Step 6. let everything cycle for about a week

Step 7. go to ur local bait shop and buy like 75 bait minows or like petco and buy like 100 comets

Step 8. dont be fuckin stupid and out this setup inside ur hpuse or out in the sunn u want the water really cold

Feeding ur feeders a proper Diet to help out ur predator  
go to ur lfs and buy chiclid gold babby pellets to feed them u also shold throw in algae disks. feed them like 3 times daily so the get big and fat so they get gut loaded with essential vitamins a caroteine

TAKE ALL DEAD FISH OUT THE WILL FLOAT UP TO THE TOP AND TURN WHITE CAUSE OF THE BUBLES!!!!!!

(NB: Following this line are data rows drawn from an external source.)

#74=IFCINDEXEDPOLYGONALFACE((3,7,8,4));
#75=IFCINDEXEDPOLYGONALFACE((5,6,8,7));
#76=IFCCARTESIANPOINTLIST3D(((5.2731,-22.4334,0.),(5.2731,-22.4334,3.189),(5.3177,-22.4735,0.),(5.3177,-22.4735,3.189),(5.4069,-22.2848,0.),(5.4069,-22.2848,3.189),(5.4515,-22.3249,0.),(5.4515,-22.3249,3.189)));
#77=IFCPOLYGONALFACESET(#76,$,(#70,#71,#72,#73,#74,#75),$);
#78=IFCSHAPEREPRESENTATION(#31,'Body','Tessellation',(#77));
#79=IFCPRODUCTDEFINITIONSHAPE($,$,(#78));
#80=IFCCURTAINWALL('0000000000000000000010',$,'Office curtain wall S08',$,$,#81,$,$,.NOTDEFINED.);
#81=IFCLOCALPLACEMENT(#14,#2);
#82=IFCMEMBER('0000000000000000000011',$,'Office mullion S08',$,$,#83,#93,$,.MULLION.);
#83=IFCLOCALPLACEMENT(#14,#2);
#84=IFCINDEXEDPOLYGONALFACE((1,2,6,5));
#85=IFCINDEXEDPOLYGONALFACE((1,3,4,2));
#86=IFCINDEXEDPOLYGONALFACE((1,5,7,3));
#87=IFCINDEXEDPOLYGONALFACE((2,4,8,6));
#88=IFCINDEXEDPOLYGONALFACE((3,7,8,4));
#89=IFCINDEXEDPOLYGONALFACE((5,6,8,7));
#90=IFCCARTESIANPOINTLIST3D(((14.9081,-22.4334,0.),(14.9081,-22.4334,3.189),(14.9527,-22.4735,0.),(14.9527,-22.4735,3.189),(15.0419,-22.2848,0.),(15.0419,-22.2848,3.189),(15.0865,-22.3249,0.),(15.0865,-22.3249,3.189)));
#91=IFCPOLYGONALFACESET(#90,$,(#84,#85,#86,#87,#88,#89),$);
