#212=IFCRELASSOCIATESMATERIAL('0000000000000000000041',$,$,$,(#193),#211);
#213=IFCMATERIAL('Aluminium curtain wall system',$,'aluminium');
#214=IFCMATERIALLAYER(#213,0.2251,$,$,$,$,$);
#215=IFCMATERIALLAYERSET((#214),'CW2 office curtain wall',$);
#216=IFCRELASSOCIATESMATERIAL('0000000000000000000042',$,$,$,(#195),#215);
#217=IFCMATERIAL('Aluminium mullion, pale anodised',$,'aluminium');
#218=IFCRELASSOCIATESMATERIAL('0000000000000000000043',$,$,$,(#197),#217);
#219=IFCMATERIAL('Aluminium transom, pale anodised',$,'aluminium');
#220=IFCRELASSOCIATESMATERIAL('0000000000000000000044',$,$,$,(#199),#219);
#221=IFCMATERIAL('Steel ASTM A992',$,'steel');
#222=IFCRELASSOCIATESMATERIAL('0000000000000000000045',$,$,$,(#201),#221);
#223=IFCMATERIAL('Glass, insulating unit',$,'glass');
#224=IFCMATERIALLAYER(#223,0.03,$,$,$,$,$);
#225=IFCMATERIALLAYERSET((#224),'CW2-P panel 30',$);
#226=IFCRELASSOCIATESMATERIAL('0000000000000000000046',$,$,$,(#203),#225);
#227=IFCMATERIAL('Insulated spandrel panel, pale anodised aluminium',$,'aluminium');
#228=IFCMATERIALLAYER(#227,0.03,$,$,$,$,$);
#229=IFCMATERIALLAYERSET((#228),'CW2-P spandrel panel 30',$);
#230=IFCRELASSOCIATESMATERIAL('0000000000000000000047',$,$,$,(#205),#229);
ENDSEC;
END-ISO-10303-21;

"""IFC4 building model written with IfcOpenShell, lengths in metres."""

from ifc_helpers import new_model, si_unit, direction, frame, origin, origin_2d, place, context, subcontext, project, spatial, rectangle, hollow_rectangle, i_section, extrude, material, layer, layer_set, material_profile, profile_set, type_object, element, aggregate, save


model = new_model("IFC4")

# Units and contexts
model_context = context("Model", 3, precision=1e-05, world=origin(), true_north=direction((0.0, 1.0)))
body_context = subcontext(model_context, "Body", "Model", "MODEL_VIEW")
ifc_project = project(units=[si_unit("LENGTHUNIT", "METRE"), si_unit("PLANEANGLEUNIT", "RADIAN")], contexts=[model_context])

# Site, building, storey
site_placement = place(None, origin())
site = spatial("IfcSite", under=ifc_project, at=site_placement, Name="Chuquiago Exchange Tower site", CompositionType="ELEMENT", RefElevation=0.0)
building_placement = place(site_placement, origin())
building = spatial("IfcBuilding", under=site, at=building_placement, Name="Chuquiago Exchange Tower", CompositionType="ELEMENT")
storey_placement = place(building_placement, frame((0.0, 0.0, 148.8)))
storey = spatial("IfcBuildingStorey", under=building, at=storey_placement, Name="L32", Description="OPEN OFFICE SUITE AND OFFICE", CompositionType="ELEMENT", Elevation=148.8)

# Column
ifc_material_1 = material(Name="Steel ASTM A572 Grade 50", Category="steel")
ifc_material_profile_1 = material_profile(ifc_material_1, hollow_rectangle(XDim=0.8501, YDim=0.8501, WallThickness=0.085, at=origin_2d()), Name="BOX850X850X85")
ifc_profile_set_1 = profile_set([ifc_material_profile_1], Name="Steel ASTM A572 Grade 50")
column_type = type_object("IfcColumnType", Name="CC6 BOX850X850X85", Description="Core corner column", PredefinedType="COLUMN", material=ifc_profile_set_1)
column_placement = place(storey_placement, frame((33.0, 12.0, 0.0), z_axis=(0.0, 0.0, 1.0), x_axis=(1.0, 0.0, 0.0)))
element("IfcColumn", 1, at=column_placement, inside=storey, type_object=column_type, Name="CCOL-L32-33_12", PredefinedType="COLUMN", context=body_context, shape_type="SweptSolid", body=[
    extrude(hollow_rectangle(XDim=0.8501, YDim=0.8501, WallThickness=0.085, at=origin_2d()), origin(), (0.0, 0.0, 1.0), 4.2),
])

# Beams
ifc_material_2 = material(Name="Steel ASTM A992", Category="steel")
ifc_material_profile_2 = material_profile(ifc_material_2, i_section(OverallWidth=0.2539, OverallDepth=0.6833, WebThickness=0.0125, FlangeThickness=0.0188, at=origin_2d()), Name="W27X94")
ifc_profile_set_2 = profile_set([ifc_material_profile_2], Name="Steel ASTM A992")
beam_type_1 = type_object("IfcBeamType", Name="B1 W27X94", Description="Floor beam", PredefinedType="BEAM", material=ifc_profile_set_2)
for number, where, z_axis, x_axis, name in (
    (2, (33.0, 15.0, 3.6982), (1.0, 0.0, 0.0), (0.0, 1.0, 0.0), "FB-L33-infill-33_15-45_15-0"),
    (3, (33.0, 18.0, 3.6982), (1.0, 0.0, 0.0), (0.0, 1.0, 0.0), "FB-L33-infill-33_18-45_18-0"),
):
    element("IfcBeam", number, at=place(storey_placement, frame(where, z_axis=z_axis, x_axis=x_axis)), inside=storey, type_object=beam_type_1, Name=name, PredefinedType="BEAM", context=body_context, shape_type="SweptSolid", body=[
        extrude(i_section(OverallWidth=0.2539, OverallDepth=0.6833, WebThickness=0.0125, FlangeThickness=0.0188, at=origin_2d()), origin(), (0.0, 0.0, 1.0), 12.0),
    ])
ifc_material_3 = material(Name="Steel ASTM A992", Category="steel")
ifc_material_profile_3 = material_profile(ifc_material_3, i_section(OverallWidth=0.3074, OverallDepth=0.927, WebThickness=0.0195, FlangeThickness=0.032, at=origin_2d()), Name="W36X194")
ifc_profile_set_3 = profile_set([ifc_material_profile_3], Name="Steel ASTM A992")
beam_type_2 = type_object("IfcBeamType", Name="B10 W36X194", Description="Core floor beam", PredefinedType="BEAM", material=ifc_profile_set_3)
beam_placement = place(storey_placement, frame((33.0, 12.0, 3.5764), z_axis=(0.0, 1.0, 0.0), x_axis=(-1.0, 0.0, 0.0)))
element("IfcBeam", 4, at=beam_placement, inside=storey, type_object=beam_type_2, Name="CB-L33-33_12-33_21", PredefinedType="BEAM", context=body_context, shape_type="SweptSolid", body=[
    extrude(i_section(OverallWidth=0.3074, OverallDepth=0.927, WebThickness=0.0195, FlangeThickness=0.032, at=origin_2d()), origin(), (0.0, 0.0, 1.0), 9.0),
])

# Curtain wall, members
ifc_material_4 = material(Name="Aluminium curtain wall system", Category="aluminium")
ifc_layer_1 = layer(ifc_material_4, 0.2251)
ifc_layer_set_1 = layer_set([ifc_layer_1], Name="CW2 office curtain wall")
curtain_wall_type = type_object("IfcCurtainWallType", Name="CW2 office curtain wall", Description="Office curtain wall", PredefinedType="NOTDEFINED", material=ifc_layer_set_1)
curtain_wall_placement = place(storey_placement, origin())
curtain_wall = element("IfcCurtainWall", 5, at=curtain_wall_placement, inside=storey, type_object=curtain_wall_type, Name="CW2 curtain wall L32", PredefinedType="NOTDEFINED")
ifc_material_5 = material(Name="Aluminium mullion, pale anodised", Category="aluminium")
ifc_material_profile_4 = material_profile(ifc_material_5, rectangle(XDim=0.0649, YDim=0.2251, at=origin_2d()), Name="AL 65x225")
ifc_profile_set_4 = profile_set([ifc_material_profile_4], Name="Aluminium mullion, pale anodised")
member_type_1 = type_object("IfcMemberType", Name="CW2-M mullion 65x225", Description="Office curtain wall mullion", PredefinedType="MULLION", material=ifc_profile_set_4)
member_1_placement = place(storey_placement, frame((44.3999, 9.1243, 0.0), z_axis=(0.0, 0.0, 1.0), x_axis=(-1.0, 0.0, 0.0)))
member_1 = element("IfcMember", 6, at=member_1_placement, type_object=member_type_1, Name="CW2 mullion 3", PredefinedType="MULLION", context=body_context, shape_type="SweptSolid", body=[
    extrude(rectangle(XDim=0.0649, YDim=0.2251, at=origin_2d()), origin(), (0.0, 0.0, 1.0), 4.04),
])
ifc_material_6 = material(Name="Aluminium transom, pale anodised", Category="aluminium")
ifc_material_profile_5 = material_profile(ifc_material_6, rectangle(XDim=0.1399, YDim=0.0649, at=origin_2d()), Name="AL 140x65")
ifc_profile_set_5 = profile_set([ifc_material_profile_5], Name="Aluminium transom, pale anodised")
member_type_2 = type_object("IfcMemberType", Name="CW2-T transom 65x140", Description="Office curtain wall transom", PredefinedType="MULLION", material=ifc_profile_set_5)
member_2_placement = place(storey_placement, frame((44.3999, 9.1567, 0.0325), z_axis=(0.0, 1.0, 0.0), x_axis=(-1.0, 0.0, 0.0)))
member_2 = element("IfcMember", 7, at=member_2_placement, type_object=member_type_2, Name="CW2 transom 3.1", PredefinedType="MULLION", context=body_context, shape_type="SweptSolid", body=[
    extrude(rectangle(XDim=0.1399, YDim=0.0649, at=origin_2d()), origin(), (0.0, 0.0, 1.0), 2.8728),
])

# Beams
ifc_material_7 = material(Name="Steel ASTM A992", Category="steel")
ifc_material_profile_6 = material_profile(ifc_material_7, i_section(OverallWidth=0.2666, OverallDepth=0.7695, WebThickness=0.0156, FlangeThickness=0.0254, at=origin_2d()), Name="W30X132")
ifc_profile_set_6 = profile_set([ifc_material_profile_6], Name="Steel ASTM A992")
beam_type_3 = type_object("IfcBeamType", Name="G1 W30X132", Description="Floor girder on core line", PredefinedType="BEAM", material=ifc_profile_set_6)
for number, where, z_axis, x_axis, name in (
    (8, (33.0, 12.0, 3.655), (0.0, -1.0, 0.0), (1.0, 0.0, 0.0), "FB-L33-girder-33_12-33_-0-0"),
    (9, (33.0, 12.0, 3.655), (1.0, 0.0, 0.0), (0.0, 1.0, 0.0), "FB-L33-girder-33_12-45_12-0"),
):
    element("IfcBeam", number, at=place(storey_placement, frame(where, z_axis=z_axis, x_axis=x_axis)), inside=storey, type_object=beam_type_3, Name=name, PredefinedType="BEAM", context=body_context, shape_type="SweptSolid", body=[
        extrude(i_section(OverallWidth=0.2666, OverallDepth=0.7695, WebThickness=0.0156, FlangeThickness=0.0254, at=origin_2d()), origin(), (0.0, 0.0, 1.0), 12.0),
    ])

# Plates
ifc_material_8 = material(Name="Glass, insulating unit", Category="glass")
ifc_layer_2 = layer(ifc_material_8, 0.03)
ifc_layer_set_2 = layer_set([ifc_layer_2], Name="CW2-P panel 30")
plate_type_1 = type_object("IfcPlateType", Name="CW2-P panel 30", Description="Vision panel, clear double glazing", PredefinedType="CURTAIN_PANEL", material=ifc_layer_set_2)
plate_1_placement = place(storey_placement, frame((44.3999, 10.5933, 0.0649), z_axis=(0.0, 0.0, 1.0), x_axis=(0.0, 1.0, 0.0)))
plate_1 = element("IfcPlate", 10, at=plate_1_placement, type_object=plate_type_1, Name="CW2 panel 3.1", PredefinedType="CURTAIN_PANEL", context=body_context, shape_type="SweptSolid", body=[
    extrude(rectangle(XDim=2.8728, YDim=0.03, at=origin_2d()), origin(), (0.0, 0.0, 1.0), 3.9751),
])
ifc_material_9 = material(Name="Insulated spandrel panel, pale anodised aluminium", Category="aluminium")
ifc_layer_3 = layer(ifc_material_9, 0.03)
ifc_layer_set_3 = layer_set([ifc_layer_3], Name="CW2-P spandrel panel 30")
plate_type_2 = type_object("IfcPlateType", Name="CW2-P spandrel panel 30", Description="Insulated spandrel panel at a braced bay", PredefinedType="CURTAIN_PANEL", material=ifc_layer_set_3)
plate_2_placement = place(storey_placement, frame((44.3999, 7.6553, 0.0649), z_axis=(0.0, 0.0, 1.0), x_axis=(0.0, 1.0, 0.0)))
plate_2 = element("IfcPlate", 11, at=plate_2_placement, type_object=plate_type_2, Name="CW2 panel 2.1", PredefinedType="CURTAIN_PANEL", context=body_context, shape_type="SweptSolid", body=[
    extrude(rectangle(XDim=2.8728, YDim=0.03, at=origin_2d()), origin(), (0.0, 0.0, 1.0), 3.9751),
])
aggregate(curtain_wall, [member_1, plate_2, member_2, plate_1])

i have used this setup for a while and feeding them ur feeders properly will make them really quite healthy for ur fish

SO U f*ck ALL U THAT SAY FEEDERS R BAD 
i have tested this on all my fish and it works

THIS SHOULD HELP AGAINST DIESE TO I ALWAYS DOSE MY FEEDER BARREL WITH MELAFIX IT REALLY HELPS


----------



## steve1337 (Oct 25, 2005)

nice little article.

If you left out the "f*ck" words it would sound better though...


----------



## Winkyee (Feb 17, 2003)

crazy said:


> kkk so there r a right way to do things and a wrong if u wanna feed live there is a right way to freakin do it live isnt all bad vecause that is basically what silversides r!!! personally i used to feed my redtail catfish only live and he still grew meaning there is som nutrional value( and all u fucks that say they have no nutrianl value r WRONG) but they are right in some ways there is very liltle nutrional value cause my cat still grew!!! SO HERe is a step by step way to healthy live fish
> 
> STEP 1. go to like walmart or a target and buy 2 55 gallon plastic trash can
> 
> ...


----------



## therizman1 (Jan 6, 2006)

It usually helps to spell words out completely and correctly... but maybe thats just me...


----------



## Dawgz (Aug 18, 2005)

why the hell are u soo pissed at someone elses comment online? as you would say "CALM THE f*ck DOWN"


----------



## Blacklotus (Aug 19, 2005)

Your post may have been informative except for your obvious illiteracy,and your abusive behavior towards the other members of this site. If you want to make yourself appear knowledgeable, you may want to first buy a dictionary and learn how to spell. You may also want to purchase a bar of soap to clean up your act. Remember there are adults on this site to.


----------



## crazy (Jan 6, 2006)

Blacklotus said:


> Your post may have been informative except for your obvious illiteracy,and your abusive behavior towards the other members of this site. If you want to make yourself appear knowledgeable, you may want to first buy a dictionary and learn how to spell. You may also want to purchase a bar of soap to clean up your act. Remember there are adults on this site to.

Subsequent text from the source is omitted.